Sin ninguna discusión, trabajando juntos o separados según hiciera falta, lo unieron todo para hacer suya la bodega.
Unos cuantos días después de la boda, Josep fue a la tienda de comestibles. Sabía que tendría que seguir comprando allí. Era impensable desplazarse en busca de provisiones y, además, no quería incitar rumores permitiendo que el pueblo apreciara ningún cambio en su relación con Nivaldo.
Intercambiaron un saludo como si fueran desconocidos y Josep pidió lo que quería. Era la primera vez que compraba comida y provisiones para una familia, en vez de para una persona sola, pero ni él ni Nivaldo hicieron el menor comentario. En cuanto Nivaldo dejó las provisiones sobre el mostrador, Josep se las llevó al carro: manteca, sal, un saco de harina, un saco de alubias, otro de mijo, uno de café y unos cuantos caramelos para el niño.
Mientras Nivaldo preparaba las cosas, Josep notó que estaba más pálido y demacrado y que la cojera era más pronunciada, pero no le preguntó por su salud.
Nivaldo le llevó un queso pequeño y redondo, envuelto en cera, de Toledo.
—Felicidades —dijo en tono formal.
Un regalo de boda.
Josep tenía el rechazo en la punta de la lengua, pero supo que no debía hacerlo. Era normal que Nivaldo tuviera un pequeño gesto con ellos, y a Marimar le hubiera parecido extraño que no les regalara nada.
—Gracias —se obligó a decir.
Pagó la cuenta y aceptó el cambio con un mero asentimiento. De camino a casa, iba dividido entre sentimientos contradictorios.
Peña era un ser malvado y Josep estaba encantado de que hubiera desaparecido, de no tener que temerlo ya. Pero le afectaba profundamente su muerte. Creía que, si les descubrían, Nivaldo y él compartirían condena. Ya no tenía terribles pesadillas sobre el asesinato del general Prim, sino que experimentaba momentos horrendos mientras estaba despierto. En su imaginación veía hordas de policías que caían sobre su viña y destrozaban los muros de su bodega mientras Maria del Mar y Francesc eran testigos de su vergüenza y su culpa.
En Barcelona sometían a los asesinos al garrote vil, o los colgaban de las horcas instaladas en la plaza de Sant Jaume.
Durante el tiempo más caluroso del verano se ahorró los viajes a Sitges para vender, pues no quería cocer el vino al sol, pero siguió embotellándolo en la fresca penumbra de la bodega y, a medida que las botellas se iban acumulando sobre el suelo de tierra, decidió que necesitaba poner estantes.
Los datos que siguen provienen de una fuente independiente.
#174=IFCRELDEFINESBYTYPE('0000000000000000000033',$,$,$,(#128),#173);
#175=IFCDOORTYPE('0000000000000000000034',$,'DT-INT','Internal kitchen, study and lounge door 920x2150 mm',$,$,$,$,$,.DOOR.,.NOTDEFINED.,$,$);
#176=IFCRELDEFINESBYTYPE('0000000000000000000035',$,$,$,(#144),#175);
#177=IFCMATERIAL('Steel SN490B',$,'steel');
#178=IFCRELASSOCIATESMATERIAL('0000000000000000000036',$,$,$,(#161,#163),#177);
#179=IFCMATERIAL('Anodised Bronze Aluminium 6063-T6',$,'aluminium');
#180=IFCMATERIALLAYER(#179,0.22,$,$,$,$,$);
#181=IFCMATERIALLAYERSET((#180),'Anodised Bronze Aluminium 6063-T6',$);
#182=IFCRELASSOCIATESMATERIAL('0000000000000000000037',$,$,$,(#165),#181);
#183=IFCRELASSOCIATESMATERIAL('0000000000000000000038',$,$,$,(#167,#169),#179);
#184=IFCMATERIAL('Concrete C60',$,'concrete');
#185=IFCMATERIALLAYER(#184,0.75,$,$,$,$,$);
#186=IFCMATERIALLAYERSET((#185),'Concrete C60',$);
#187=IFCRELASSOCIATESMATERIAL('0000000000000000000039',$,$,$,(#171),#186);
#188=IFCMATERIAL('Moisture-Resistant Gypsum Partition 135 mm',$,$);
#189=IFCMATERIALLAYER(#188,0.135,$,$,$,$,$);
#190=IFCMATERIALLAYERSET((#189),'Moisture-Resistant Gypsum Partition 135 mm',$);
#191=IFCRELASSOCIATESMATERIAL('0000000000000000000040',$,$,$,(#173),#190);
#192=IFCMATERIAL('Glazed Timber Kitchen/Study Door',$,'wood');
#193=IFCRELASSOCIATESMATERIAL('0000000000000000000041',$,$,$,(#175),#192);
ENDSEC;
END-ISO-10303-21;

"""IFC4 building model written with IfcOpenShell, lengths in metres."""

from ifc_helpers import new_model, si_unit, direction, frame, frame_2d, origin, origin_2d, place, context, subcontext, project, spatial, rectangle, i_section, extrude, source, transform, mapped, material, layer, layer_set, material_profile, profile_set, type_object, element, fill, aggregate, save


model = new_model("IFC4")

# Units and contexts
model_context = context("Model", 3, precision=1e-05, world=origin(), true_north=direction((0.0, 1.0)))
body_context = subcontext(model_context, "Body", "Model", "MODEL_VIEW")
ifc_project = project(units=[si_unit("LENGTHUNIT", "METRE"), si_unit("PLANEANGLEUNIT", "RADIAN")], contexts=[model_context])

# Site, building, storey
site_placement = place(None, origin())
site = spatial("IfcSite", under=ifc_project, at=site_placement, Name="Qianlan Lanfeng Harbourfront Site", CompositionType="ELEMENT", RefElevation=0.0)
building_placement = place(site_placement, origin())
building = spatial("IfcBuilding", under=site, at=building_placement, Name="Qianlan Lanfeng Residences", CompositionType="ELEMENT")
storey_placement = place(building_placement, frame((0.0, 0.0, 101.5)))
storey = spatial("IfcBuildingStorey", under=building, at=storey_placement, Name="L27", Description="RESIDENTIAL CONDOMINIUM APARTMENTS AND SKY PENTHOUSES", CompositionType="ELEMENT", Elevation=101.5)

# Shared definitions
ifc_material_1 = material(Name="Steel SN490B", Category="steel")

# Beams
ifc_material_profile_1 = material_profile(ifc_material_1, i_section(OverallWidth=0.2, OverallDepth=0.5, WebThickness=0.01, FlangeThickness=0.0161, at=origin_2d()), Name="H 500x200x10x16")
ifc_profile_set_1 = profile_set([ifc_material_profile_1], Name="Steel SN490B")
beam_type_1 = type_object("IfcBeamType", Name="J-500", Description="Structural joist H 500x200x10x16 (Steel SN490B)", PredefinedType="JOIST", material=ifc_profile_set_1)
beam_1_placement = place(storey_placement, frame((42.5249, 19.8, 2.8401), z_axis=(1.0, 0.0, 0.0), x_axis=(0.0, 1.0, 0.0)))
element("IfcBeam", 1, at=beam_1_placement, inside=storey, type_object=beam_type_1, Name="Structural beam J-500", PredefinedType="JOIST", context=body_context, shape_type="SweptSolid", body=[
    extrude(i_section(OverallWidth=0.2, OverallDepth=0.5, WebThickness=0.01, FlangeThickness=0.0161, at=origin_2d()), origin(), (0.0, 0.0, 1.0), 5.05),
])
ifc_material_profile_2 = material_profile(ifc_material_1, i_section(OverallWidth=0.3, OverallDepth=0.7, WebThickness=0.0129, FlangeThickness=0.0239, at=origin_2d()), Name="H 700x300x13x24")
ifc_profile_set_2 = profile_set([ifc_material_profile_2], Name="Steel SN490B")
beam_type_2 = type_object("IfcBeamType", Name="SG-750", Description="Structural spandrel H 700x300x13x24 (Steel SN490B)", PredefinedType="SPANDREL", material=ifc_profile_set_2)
Tenía una buena provisión de madera rescatada de las cubas desmontadas, pero le faltaban clavos. Un día, a primera hora, montó en
Orejuda
a paso tranquilo, aún en plena oscuridad, y pasó la mañana en Sitges escogiendo botellas viejas, de las que consiguió comprar diez, así como tinta en polvo, papel para hacer más etiquetas y una bolsa de clavos.